Les Jango sont décidément impayables. On les reconnaît à leur élégance tape-à-l’œil et à leur sens de la fête. Et ce sont les femmes qui mènent la danse, dans la Maison de la Mère, au cœur de toutes les rumeurs.
Les histoires les plus folles courent d’ailleurs sur Safia, élevée au lait de hyène, Alam Gishi l’Éthiopienne experte en amour, ou l’inénarrable Wad Amouna. Lorsque soudain souffle le vent de la révolte…
Dans les effluves de café grillé, de chicha parfumée et de gomme arabique, se joue une comédie humaine dont les Jango, « sages à la saison sèche et fous à la saison des pluies » sont les héros.
Le Jangawi ou Jangojoray – singulier de Jango – porte différents noms selon les mois et les saisons : on l’appelle Katakaw entre décembre et mars, lorsqu’il travaille dans les plantations de canne de Kanana et les sucreries de Khashm al-Girba, Assaleya ou al- Jounayd.
On l’appelle Fahami entre avril et mai, lorsqu’il est recruté comme oum bahatay – c’est le nom qu’on donne ici aux charbonniers – pour débroussailler les nouvelles plantations ou les terres en friche, et transformer troncs et branchages en charbon végétal.
On l’appelle Jango ou Jangojoray de juin à décembre, c’est-à-dire depuis les premières pluies jusqu’à la fin de la saison de la récolte du sésame.
Une fois que l’on sait ce qu’est un Jango, on part à la découverte des différents personnages et dans chacun d’eux résonne le mot liberté :
- Liberté de choisir notamment à travers Al Aza qui a refusé de suivre les avis de son père et ses frères qui voulaient la marier
- Liberté de commercer pour ces femmes qui vendent de l’alcool local et sont envoyées sans cesse en prison.
- Liberté d’être à travers Wad Amouna, l’efféminé
- Liberté de corps. Le sexe, la jouissance sont très présents dans ce livre.
L’auteur également revendique sa liberté d’écrire malgré la censure. C’est un choix osé qu’il fait à travers ce livre.
J’ai découvert les jango et leur quotidien mais aussi le quotidien de femmes qui n’ont visiblement que 3 choix de vie: devenir des Jangojorayya, fabriquer de l’alcool ou se prostituer.
L’auteur évoque également l’importance de respecter les us et coutumes, la culture des autres
ce que je considérais comme un mal selon ma propre éducation pouvait être perçu autrement dans d’autres cultures, selon d’autres valeurs.
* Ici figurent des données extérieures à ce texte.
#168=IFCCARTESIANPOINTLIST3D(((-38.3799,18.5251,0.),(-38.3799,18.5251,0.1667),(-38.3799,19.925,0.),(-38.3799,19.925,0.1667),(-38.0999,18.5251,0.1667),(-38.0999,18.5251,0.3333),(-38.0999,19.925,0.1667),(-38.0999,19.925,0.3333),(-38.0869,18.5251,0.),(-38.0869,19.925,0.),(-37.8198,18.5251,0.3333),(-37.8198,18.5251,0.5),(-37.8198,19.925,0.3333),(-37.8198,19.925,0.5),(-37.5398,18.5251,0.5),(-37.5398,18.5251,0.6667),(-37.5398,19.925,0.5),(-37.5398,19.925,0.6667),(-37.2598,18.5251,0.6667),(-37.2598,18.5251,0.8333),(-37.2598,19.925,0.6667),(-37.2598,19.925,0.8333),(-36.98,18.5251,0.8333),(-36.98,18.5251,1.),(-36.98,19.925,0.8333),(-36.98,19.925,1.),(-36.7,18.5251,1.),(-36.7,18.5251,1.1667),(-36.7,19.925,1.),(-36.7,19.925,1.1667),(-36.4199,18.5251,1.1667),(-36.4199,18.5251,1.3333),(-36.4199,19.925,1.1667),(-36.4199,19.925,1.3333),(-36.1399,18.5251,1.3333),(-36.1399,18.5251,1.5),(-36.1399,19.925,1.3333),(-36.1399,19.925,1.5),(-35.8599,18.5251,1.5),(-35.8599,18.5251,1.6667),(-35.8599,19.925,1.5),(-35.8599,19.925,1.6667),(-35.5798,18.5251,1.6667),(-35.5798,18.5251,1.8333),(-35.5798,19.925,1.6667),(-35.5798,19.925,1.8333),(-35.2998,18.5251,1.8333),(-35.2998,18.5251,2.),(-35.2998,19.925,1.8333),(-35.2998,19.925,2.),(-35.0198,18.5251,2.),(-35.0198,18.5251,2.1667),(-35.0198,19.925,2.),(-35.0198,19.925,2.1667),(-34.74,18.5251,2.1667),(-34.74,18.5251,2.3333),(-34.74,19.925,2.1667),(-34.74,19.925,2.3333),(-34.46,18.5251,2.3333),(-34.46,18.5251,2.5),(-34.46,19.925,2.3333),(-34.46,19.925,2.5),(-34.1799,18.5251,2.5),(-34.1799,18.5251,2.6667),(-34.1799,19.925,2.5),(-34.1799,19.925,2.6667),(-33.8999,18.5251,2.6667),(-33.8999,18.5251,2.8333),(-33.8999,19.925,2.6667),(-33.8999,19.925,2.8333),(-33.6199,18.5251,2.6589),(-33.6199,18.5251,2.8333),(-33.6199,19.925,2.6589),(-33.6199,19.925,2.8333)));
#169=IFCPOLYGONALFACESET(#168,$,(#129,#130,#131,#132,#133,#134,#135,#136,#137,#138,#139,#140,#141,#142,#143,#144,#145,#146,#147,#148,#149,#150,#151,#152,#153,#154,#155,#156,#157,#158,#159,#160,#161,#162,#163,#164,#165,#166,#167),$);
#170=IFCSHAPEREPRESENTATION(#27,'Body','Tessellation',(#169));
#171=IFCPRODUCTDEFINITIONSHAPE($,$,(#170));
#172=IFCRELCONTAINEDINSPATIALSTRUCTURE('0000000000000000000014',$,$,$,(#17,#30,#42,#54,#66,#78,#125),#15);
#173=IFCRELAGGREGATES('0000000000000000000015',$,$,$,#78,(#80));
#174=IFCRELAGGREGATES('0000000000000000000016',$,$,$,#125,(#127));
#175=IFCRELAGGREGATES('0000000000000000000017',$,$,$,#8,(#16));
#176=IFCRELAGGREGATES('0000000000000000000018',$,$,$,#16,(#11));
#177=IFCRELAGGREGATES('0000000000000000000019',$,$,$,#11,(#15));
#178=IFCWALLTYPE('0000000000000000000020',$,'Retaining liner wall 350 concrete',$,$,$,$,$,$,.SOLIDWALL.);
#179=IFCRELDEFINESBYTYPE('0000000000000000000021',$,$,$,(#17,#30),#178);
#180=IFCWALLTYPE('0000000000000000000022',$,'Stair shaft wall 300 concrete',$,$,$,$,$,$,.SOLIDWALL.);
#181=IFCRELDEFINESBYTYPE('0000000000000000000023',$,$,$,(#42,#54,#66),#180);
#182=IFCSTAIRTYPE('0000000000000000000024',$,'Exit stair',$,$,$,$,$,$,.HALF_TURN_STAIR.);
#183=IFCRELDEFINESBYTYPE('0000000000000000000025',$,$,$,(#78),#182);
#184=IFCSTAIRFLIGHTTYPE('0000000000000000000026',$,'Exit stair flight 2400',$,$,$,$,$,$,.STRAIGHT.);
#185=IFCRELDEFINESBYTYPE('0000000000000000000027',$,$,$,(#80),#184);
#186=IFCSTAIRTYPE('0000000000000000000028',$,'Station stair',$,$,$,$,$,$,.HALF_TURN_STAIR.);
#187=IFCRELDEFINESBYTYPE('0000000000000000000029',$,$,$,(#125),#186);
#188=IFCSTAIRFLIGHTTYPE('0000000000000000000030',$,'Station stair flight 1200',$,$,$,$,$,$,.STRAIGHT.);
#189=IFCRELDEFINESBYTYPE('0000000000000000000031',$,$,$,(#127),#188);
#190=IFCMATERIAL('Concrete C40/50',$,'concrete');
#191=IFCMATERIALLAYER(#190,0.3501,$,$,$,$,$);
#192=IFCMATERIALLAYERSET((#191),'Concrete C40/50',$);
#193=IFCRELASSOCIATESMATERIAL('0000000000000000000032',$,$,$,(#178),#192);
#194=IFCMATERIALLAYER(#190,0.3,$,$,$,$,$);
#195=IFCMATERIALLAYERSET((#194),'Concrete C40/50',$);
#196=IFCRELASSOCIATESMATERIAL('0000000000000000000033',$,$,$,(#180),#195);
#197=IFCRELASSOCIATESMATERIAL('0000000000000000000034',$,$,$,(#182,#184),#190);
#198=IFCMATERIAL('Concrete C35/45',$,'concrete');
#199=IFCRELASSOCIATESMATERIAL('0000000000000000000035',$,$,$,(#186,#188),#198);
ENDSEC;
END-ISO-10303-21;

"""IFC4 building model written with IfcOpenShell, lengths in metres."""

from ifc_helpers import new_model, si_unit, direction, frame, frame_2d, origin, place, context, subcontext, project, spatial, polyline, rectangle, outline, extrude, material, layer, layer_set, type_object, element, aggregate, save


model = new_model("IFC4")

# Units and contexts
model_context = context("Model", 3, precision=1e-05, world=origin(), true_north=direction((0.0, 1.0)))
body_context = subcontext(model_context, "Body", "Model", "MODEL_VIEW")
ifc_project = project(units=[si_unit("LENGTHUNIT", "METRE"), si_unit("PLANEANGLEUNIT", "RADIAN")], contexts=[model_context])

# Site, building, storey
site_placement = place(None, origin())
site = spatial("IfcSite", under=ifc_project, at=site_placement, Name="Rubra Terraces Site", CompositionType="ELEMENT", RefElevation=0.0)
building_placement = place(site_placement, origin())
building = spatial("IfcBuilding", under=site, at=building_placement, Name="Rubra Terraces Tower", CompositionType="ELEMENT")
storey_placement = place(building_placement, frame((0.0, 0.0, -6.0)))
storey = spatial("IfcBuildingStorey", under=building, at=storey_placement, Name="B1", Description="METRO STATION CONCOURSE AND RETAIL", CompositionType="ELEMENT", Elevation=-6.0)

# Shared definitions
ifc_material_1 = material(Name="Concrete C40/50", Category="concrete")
Le style est entraînant. On est parfois entre fable et réalité à travers le récit des divers personnages mais certains faits m’ont gênée : j’ai notamment été choquée du viol sur mineur qui a été banalisé.
Les personnages sont intéressants à suivre mais j’ai déploré le fait qu’il n’y ait pas souvent de réelle transition pour introduire un personnage.
J’aurais aimé que les femmes se racontent elles-mêmes. Aussi, il reste à mon sens des zones d’ombre dans leurs vies. Je fais surtout référence à Safia.
Ce roman est finaliste du Prix les Afriques 2021.